La multiplication des sécheresses estivales exerce une forte pression sur les cours d’eau, dont certains tronçons sont temporairement à sec. Des projets visent notamment à examiner la possibilité d’utiliser des réservoirs à l’échelon local et régional, et à explorer les possibilités de stockage dans les aquifères en hiver, afin que l’eau réintègre naturellement le lit des ruisseaux en été.

Auditer

Certains dénoncent le manque de vision d’ensemble de la Suisse sur les quantités d’eau consommées dans l’agriculture. D’où le projet Swiss-IrrigationInfo, financé par l’Office fédéral de l’environnement et réalisé par Agroscope et la Haute École spécialisée bernoise, visant à développer des méthodes d’estimation pour une gestion durable et lucide des ressources en eau dans le secteur agricole.

Modéliser

L’intégration de la technologie numérique est essentielle pour fournir aux décideurs les outils nécessaires à une gestion de l’eau efficace. Cela inclut notamment la numérisation des réseaux d’eau, l’installation de capteurs ou encore la modélisation de ces réseaux pour permettre des simulations.
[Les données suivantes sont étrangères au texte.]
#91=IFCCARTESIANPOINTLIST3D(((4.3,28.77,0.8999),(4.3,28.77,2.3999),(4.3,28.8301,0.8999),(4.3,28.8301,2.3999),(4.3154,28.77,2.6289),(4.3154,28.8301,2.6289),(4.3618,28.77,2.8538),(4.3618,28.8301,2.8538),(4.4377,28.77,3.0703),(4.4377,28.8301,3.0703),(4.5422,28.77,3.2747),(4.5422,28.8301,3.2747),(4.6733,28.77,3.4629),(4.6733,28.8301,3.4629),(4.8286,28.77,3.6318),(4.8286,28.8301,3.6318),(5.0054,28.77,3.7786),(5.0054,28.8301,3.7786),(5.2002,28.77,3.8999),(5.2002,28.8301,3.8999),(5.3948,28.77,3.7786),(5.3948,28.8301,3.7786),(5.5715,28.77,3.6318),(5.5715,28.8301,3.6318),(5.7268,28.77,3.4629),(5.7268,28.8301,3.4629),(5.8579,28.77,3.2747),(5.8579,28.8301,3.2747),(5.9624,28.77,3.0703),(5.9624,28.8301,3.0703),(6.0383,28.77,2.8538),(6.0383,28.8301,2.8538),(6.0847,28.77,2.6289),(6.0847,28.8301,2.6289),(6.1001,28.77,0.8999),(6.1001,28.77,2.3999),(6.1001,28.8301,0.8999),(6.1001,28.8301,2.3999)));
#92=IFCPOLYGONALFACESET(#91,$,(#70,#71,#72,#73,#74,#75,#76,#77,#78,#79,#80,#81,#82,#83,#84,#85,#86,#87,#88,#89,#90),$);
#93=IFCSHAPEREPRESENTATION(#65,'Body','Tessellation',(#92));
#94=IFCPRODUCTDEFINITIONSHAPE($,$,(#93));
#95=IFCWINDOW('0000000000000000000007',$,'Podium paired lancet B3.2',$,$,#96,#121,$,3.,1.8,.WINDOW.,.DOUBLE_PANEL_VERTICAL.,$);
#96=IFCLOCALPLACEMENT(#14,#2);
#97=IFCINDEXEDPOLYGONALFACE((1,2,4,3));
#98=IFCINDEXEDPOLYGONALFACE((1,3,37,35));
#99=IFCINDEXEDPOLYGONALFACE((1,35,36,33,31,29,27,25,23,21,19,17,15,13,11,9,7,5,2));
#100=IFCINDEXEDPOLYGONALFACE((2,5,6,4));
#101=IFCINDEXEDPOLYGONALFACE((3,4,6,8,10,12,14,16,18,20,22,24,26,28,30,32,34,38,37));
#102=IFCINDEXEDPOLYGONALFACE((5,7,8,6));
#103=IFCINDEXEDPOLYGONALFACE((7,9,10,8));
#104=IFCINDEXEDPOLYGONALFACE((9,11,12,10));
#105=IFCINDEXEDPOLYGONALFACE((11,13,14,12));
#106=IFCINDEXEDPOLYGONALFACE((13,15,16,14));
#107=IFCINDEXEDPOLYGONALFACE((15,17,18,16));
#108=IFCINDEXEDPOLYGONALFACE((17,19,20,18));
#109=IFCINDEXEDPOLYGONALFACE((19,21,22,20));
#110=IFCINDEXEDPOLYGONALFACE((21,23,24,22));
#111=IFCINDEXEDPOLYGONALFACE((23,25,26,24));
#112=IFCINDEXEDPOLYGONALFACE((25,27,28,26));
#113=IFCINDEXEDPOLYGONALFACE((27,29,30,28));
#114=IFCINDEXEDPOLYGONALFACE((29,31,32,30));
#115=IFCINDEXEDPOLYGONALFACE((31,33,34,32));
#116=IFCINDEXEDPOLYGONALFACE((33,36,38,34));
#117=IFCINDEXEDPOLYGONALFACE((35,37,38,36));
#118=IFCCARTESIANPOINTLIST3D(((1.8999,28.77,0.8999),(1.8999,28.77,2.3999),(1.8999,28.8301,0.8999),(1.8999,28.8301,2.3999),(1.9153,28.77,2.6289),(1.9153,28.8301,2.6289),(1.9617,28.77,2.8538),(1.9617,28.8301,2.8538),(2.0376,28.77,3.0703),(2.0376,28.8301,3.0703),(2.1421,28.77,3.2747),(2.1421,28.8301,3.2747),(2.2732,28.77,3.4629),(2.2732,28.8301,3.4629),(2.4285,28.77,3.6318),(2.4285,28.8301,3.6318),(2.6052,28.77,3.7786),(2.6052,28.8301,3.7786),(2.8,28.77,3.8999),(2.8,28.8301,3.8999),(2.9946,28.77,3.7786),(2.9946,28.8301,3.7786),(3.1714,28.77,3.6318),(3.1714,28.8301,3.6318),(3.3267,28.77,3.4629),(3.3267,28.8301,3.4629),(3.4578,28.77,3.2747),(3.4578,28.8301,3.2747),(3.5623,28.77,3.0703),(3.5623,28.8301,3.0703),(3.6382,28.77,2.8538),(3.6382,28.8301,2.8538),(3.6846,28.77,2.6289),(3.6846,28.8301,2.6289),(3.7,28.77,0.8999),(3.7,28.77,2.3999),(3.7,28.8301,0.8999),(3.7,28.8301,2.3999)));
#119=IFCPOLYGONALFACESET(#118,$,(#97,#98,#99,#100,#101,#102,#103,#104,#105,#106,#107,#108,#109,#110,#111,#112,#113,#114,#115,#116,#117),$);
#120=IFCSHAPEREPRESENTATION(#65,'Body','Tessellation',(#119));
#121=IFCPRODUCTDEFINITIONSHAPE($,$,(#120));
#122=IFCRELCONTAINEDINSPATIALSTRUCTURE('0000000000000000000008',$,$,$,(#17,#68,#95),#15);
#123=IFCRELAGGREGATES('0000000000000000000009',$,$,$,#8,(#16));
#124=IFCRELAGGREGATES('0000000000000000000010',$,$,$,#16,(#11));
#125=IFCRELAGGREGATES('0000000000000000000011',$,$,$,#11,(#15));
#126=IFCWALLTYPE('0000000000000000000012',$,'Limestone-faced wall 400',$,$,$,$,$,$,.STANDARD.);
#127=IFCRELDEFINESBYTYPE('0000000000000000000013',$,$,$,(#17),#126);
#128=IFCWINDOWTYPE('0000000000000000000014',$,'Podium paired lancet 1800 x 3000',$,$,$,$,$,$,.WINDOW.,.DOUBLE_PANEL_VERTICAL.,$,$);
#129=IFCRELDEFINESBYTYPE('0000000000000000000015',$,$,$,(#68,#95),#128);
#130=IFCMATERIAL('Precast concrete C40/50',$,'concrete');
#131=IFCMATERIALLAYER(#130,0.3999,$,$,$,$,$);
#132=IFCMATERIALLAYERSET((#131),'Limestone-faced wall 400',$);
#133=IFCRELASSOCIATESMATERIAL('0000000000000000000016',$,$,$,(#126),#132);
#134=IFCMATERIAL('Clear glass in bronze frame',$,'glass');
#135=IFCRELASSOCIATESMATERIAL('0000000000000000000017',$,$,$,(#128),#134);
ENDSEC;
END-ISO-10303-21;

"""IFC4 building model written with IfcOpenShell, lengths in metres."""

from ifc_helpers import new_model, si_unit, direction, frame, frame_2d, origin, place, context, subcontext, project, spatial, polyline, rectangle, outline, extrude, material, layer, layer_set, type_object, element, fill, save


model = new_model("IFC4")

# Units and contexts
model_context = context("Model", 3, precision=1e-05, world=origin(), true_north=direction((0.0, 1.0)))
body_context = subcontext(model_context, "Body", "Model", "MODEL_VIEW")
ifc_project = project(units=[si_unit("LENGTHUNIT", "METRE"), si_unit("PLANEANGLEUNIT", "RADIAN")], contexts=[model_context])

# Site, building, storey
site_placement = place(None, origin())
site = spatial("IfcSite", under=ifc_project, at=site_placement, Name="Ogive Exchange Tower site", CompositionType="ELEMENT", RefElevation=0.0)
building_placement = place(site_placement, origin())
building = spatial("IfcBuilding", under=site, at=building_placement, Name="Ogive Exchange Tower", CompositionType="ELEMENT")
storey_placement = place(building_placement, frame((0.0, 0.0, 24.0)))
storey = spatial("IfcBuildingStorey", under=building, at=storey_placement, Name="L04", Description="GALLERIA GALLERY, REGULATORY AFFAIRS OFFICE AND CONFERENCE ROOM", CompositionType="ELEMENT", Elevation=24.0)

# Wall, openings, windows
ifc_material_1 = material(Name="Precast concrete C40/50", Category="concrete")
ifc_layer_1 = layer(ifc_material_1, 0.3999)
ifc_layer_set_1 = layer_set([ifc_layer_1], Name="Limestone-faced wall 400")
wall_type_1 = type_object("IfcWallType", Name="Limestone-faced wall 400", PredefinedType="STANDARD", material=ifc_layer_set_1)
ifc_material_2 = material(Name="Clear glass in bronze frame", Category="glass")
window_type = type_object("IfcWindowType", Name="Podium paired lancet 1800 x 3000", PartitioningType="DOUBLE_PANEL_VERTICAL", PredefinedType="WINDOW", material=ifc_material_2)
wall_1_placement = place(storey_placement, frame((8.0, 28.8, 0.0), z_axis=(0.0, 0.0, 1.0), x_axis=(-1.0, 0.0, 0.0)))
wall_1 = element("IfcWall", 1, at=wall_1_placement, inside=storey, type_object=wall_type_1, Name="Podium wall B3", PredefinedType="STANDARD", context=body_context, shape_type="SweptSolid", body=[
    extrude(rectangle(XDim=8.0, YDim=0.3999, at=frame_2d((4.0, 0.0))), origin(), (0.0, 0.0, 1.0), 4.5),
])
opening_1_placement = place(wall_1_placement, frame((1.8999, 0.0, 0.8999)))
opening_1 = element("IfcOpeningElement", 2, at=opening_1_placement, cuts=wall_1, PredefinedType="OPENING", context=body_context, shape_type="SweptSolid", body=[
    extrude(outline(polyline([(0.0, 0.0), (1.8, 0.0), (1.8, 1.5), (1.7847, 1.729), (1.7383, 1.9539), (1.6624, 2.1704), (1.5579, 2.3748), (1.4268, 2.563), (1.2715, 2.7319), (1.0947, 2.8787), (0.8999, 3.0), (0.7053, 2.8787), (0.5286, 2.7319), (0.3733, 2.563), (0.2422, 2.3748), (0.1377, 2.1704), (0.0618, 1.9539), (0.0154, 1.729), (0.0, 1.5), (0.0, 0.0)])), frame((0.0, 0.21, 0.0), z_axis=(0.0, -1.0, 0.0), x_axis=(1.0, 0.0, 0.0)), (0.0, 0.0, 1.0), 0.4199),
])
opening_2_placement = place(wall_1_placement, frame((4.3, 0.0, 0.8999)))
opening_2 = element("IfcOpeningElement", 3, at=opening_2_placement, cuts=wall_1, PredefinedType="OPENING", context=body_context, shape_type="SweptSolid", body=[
Un contrôle plus fin sur les installations et les réseaux permet également d’éviter des pertes et écoulements inutiles.

Économiser

De nombreuses approches et techniques innovantes sont développées pour économiser l’eau, dans tous les domaines évoqués précédemment (agriculture, industrie, tourisme, etc.). Et pour la population, les bonnes vieilles habitudes de consommation sont à portée de main : préférer les douches aux bains, installer des limiteurs de volume pour la chasse d’eau des toilettes, les pommeaux de douche et les robinets mitigeurs, ou encore des systèmes de récupération d’eaux de pluie pour l’arrosage.